Dissolution of a company
Dissolution of a company means the coming to an end of a company existence. The company
can come to an end in the following ways.
- Expiration of the period for which the company was formed. Even though
members of a company are free to fix the life span of a company article 282 of the
uniform act states that the life span of a company must not exceed 99years.
However, members still have the possibility to extend or reduce the life span of
the company. Once the period for which the company was formed expires the
company must be dissolved.
- Realization or extinction of its object. The realization of the objects of a company
mean the accomplishment of the task for which the company was formed. For
example a company formed to dig a canal or to construct a bridge must be
dissolved once the bridge or canal is accomplished.
- Annulment of Company‟s partnership deed. Article 203 of the uniform act make
provision for dissolution of a company based of annulment of its deal of
partnership. When this is done, the effect is that the company must be dissolved
and the judgement ordering the liquidation of the company automatically calls for
the its dissolution.
- By the article of Association: By virtue of article 200(4) of the uniform act
provides that liquidation of a company could come because of the decision of its
members. Members may provide in the article of association that heavy losses
shall lead to the dissolution of the company.

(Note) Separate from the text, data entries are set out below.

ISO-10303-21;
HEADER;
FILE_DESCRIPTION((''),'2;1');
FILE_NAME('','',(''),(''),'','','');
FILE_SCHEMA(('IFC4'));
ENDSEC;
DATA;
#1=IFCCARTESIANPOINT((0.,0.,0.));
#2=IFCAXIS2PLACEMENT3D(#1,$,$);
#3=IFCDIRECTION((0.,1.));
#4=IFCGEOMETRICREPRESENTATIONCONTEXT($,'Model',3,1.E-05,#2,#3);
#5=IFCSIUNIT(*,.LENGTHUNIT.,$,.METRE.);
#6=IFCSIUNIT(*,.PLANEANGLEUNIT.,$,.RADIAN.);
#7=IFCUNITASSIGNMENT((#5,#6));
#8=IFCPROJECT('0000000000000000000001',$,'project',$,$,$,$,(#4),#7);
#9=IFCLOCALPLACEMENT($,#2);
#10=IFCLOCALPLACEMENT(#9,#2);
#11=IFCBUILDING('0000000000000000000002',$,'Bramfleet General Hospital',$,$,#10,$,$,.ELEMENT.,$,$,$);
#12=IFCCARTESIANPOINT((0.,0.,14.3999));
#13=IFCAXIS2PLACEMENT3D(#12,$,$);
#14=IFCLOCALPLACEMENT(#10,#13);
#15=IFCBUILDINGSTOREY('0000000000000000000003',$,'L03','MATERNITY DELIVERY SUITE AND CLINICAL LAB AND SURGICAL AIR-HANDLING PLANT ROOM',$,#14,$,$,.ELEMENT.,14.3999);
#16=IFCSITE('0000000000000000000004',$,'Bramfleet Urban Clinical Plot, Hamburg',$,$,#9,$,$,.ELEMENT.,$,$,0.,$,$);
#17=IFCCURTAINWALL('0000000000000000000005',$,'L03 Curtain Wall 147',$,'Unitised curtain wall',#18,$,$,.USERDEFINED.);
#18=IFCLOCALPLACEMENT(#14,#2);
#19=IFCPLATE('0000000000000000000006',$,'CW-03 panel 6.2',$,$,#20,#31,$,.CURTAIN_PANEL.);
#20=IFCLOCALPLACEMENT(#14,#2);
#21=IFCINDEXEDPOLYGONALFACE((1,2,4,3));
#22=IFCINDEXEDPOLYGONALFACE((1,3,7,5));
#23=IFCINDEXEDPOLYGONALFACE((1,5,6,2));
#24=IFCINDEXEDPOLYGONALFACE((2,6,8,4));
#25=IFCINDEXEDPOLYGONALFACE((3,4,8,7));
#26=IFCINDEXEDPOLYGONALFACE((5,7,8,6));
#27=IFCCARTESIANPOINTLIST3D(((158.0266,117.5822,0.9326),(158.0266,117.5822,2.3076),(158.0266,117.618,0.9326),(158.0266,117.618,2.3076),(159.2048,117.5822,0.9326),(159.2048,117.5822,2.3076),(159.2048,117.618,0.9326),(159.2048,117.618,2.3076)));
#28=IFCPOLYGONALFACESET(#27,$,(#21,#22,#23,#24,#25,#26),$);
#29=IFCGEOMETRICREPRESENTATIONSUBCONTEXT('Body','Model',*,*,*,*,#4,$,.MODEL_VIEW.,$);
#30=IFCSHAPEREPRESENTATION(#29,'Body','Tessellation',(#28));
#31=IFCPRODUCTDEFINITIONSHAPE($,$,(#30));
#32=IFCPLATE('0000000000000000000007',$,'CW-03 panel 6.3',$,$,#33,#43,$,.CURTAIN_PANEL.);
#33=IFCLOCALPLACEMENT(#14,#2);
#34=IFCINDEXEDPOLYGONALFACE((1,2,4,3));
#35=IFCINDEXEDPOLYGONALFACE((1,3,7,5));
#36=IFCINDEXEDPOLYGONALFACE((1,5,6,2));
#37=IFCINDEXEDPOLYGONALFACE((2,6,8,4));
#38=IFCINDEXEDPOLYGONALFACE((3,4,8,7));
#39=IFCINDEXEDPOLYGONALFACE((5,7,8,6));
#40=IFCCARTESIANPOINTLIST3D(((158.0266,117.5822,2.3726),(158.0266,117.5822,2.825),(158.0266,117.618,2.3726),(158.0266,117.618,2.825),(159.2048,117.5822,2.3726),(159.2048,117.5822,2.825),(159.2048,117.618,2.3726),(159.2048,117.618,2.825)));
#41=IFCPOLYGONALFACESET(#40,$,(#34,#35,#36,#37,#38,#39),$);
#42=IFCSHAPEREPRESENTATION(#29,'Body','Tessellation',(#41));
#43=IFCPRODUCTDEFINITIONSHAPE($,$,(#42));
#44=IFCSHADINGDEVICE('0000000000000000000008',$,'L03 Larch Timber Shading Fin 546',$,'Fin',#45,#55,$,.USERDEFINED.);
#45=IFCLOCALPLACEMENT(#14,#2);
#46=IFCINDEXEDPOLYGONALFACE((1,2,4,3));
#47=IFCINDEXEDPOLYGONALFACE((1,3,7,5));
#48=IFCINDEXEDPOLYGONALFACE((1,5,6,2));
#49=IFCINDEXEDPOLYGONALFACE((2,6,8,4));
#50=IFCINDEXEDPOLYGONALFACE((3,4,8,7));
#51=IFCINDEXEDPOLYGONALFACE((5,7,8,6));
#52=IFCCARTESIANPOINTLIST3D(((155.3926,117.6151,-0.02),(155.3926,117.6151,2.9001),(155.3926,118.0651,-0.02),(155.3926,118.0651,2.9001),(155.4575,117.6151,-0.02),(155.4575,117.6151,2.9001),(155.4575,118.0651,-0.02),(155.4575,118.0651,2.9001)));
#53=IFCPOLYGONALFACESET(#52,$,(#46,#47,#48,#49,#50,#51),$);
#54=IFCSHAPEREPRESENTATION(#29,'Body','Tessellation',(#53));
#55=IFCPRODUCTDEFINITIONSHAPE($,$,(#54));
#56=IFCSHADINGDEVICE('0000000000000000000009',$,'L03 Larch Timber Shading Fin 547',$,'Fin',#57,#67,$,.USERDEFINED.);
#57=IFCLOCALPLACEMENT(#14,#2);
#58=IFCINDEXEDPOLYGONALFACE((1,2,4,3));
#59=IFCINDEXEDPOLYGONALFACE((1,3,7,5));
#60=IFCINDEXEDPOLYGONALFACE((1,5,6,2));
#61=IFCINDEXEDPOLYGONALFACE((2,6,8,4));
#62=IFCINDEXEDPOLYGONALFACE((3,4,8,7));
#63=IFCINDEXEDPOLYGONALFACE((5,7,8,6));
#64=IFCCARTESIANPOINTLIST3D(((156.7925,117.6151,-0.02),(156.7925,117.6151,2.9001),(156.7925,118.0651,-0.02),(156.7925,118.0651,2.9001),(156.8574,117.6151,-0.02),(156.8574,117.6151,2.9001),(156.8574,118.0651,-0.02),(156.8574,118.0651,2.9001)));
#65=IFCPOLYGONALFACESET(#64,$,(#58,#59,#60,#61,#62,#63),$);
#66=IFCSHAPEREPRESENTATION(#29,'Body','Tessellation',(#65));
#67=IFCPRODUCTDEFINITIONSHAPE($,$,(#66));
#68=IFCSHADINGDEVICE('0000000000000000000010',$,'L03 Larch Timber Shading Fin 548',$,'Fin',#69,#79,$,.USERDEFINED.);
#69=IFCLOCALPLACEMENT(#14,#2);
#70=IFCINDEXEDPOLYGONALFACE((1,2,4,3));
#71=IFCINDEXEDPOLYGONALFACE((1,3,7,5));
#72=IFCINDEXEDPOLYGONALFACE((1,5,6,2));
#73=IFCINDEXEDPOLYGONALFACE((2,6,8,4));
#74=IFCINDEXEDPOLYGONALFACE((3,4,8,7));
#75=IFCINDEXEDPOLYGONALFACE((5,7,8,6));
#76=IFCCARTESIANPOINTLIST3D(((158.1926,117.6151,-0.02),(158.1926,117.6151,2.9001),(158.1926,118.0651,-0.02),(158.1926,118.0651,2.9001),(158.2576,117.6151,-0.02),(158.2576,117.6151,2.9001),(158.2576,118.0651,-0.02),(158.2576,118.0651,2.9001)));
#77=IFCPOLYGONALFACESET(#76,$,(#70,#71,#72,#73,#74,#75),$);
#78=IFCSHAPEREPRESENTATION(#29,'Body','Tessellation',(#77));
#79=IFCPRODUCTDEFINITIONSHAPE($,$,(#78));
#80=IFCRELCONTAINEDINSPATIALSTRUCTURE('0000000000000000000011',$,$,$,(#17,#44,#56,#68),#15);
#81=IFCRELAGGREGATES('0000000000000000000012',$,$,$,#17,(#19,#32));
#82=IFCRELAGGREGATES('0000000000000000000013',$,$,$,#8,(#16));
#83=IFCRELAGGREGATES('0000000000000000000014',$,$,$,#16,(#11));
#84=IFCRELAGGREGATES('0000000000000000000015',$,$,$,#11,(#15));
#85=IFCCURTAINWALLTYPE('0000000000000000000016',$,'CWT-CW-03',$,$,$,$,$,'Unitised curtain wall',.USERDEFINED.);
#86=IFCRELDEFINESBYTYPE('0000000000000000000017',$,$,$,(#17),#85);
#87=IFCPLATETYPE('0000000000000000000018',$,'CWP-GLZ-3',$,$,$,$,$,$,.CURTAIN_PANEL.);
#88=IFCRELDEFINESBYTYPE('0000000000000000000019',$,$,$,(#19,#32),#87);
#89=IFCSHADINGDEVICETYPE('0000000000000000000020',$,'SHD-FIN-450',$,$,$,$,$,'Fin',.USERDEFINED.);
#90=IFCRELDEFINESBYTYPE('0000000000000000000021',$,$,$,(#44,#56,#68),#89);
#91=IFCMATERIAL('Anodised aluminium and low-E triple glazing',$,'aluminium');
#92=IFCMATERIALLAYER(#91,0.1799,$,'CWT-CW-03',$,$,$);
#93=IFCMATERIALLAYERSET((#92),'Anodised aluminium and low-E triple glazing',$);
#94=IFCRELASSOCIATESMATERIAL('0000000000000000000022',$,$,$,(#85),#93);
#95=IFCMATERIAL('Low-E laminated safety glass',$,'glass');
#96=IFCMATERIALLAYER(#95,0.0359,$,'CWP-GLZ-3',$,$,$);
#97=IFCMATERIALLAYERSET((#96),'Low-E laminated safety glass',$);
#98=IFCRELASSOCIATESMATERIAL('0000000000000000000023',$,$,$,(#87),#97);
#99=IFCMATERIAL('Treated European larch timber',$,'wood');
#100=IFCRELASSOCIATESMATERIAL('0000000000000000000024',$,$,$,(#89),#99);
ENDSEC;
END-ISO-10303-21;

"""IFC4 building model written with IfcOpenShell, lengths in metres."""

from ifc_helpers import new_model, si_unit, direction, frame, origin, origin_2d, place, context, subcontext, project, spatial, rectangle, extrude, material, layer, layer_set, material_profile, profile_set, type_object, element, aggregate, save


model = new_model("IFC4")

# Units and contexts
model_context = context("Model", 3, precision=1e-05, world=origin(), true_north=direction((0.0, 1.0)))
body_context = subcontext(model_context, "Body", "Model", "MODEL_VIEW")
ifc_project = project(units=[si_unit("LENGTHUNIT", "METRE"), si_unit("PLANEANGLEUNIT", "RADIAN")], contexts=[model_context])

# Site, building, storey
site_placement = place(None, origin())
site = spatial("IfcSite", under=ifc_project, at=site_placement, Name="Bramfleet Urban Clinical Plot, Hamburg", CompositionType="ELEMENT", RefElevation=0.0)
building_placement = place(site_placement, origin())
building = spatial("IfcBuilding", under=site, at=building_placement, Name="Bramfleet General Hospital", CompositionType="ELEMENT")
storey_placement = place(building_placement, frame((0.0, 0.0, 14.3999)))
storey = spatial("IfcBuildingStorey", under=building, at=storey_placement, Name="L03", Description="MATERNITY DELIVERY SUITE AND CLINICAL LAB AND SURGICAL AIR-HANDLING PLANT ROOM", CompositionType="ELEMENT", Elevation=14.3999)

# Curtain wall, plates
ifc_material_1 = material(Name="Anodised aluminium and low-E triple glazing", Category="aluminium")
ifc_layer_1 = layer(ifc_material_1, 0.1799, Name="CWT-CW-03")
ifc_layer_set_1 = layer_set([ifc_layer_1], Name="Anodised aluminium and low-E triple glazing")
curtain_wall_type = type_object("IfcCurtainWallType", Name="CWT-CW-03", ElementType="Unitised curtain wall", PredefinedType="USERDEFINED", material=ifc_layer_set_1)
curtain_wall_placement = place(storey_placement, origin())
curtain_wall = element("IfcCurtainWall", 1, at=curtain_wall_placement, inside=storey, type_object=curtain_wall_type, Name="L03 Curtain Wall 147", ObjectType="Unitised curtain wall", PredefinedType="USERDEFINED")
ifc_material_2 = material(Name="Low-E laminated safety glass", Category="glass")
ifc_layer_2 = layer(ifc_material_2, 0.0359, Name="CWP-GLZ-3")
ifc_layer_set_2 = layer_set([ifc_layer_2], Name="Low-E laminated safety glass")
plate_type = type_object("IfcPlateType", Name="CWP-GLZ-3", PredefinedType="CURTAIN_PANEL", material=ifc_layer_set_2)
plate_1_placement = place(storey_placement, frame((158.6157, 117.6001, 0.9326), z_axis=(0.0, 0.0, 1.0), x_axis=(1.0, 0.0, 0.0)))
plate_1 = element("IfcPlate", 2, at=plate_1_placement, type_object=plate_type, Name="CW-03 panel 6.2", PredefinedType="CURTAIN_PANEL", context=body_context, shape_type="SweptSolid", body=[
    extrude(rectangle(XDim=1.1782, YDim=0.0359, at=origin_2d()), origin(), (0.0, 0.0, 1.0), 1.375),
])
plate_2_placement = place(storey_placement, frame((158.6157, 117.6001, 2.3726), z_axis=(0.0, 0.0, 1.0), x_axis=(1.0, 0.0, 0.0)))
plate_2 = element("IfcPlate", 3, at=plate_2_placement, type_object=plate_type, Name="CW-03 panel 6.3", PredefinedType="CURTAIN_PANEL", context=body_context, shape_type="SweptSolid", body=[
    extrude(rectangle(XDim=1.1782, YDim=0.0359, at=origin_2d()), origin(), (0.0, 0.0, 1.0), 0.4524),
])
aggregate(curtain_wall, [plate_1, plate_2])

# Shading devices
ifc_material_3 = material(Name="Treated European larch timber", Category="wood")
ifc_material_profile_1 = material_profile(ifc_material_3, rectangle(XDim=0.0649, YDim=0.45, at=origin_2d()), Name="LARCH FIN 450x65")
ifc_profile_set_1 = profile_set([ifc_material_profile_1], Name="Treated European larch timber")
shading_device_type = type_object("IfcShadingDeviceType", Name="SHD-FIN-450", ElementType="Fin", PredefinedType="USERDEFINED", material=ifc_profile_set_1)
for number, where, z_axis, x_axis, name in (
    (4, (155.425, 117.8401, -0.02), (0.0, 0.0, 1.0), (1.0, 0.0, 0.0), "L03 Larch Timber Shading Fin 546"),
    (5, (156.825, 117.8401, -0.02), (0.0, 0.0, 1.0), (1.0, 0.0, 0.0), "L03 Larch Timber Shading Fin 547"),
    (6, (158.2251, 117.8401, -0.02), (0.0, 0.0, 1.0), (1.0, 0.0, 0.0), "L03 Larch Timber Shading Fin 548"),
):
    element("IfcShadingDevice", number, at=place(storey_placement, frame(where, z_axis=z_axis, x_axis=x_axis)), inside=storey, type_object=shading_device_type, Name=name, ObjectType="Fin", PredefinedType="USERDEFINED", context=body_context, shape_type="SweptSolid", body=[
        extrude(rectangle(XDim=0.0649, YDim=0.45, at=origin_2d()), origin(), (0.0, 0.0, 1.0), 2.9202),
    ])

save(model, "model.ifc")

a) Voluntary Liquidation: One or more of the members of a company can put the
company into voluntary liquidation. The members may provoke this through a
court decision. Article 200(5) of the uniform act provide that members can
provoke a premature dissolution of a company if they have a justified reason
for doing so. The partners on a common accord can decide to dissolve the
company before the expiration of its term. A member may provoke the
dissolution of a company by renunciation of its membership of the company.
b) Court Liquidation: By virtue of article 200(6) of the uniform act, the courts
may pass a winding-up order ordering liquidation of the company‟s assets.
Factors that can provoke court ordered liquidation of a company include;
failure of a member to honour his engagements vis-à-vis the company, for
example, the failure to pay contribution, perpetual incapacity of a member or
members which paralyses the company. Generally it is left to the courts to
appreciate and determine the reasons for the dissolution of the company as
provided for under article 200(5) of the uniform act. The court will not hesitate
to dissolve a company if it has reasonable grounds to do so.
When a company is wound up it conserves its legal personality for liquidation purposes until
liquidation procedure is completed. Dissolution of a company implies the realisation of a
company asset to settle the list of contributors and creditors, to pay the company‟s debts and
liabilities as well as dividing the surplus if any amongst members as provided in the article of
association (Their right).
Once dissolution is ordered and liquidation comes in, a liquidator is appointed. The liquidator
is charged with the responsibility of collecting and realising the company‟s asset and
discharging its debts and liabilities. He may sell or mortgage any of the property of the
company, execute all necessary documents on its behalf, Issue or accept bills of exchange,
promissory note, check and appoint agents to do anything on his behalf.